Athens 1922 - The national division and the murder of the editor of the Free Press, Kavafakis

By Tonia A. Maniatea

February 1922. Night. The cold air whistles in the streets of Kypseli. A monitor stops outside a two-storey magnificent house, on Troy Street, and dismounts its middle-aged passenger. Tucked into his heavy felt coat, he runs to the entrance of the house, but has difficulty unlocking it. Something in the keyhole blocks the key. He's trying to figure out what's going on when three men, both in military fatigues, appear from the alleys around the house. They approach him, shoot him six times and run away! Sergeant Zepos and Captain Livadas, who are passing by the place at the time, have heard the shots and run to catch up with the attackers. The two uniformed men manage to escape. The third, however, stumbles and falls. The officers catch him.

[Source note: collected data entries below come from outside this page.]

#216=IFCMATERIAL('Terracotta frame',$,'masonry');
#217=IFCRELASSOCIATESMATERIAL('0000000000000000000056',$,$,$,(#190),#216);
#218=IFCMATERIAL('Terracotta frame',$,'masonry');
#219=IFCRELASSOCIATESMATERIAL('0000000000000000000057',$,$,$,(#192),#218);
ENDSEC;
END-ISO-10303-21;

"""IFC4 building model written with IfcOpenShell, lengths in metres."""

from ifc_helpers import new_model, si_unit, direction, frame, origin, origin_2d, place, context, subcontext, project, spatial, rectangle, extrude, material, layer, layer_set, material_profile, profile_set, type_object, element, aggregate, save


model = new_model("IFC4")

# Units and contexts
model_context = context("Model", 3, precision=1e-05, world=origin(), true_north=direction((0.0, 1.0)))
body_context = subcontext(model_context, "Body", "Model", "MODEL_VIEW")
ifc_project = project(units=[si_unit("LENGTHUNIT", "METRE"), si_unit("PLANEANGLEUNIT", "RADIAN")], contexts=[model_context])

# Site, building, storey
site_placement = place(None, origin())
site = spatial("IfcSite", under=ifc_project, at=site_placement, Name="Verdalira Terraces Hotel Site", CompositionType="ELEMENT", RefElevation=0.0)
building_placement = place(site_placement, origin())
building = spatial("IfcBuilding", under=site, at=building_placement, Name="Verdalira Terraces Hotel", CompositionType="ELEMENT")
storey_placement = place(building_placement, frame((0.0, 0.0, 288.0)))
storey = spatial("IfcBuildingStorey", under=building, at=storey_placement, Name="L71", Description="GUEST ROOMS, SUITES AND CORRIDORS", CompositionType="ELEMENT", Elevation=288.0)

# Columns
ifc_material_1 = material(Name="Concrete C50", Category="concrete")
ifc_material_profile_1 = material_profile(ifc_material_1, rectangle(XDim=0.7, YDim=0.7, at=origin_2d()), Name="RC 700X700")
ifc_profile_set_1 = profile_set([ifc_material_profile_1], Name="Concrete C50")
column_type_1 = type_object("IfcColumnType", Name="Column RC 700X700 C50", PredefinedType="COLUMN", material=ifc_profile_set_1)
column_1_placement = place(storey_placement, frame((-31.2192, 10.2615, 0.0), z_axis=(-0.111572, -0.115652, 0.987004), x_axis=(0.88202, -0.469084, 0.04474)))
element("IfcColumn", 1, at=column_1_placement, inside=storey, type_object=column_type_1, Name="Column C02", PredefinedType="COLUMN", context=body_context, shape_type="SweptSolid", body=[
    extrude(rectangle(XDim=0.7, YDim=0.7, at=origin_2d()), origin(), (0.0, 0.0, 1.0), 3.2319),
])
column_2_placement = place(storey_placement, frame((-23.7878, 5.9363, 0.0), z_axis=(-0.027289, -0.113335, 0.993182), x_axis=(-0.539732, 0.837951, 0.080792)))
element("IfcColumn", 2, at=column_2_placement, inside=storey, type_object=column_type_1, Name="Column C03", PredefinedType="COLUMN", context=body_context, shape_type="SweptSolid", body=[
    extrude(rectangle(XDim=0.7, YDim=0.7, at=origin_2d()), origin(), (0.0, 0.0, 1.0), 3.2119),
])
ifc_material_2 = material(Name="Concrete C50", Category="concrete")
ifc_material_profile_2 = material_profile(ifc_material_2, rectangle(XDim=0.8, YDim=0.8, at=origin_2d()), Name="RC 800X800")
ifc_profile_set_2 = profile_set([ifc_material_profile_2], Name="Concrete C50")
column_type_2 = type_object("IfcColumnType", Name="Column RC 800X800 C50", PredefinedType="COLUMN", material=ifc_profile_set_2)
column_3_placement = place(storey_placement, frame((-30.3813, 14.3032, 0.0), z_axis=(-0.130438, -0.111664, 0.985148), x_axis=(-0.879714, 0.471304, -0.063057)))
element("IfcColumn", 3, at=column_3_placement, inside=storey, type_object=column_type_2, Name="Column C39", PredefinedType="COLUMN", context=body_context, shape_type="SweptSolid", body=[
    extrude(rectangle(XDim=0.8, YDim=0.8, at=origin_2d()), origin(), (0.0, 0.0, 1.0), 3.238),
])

Some neighbours have come out of their houses and rushed to the bloody man. They carry him inside his house. Very soon his doctor friend arrives, but he doesn't have much time. The injuries are serious. His wife and three sons are horrified to see their man choking until he breathes his last. The autopsy, which will follow, reveals that of the multiple shots only one hit the target. The bullet hit the abdomen, penetrated the intestines and liver and lodged in the chest. A second severe wound to the temple, which shattered the skull at the point of impact, was attributed to the victim's fall.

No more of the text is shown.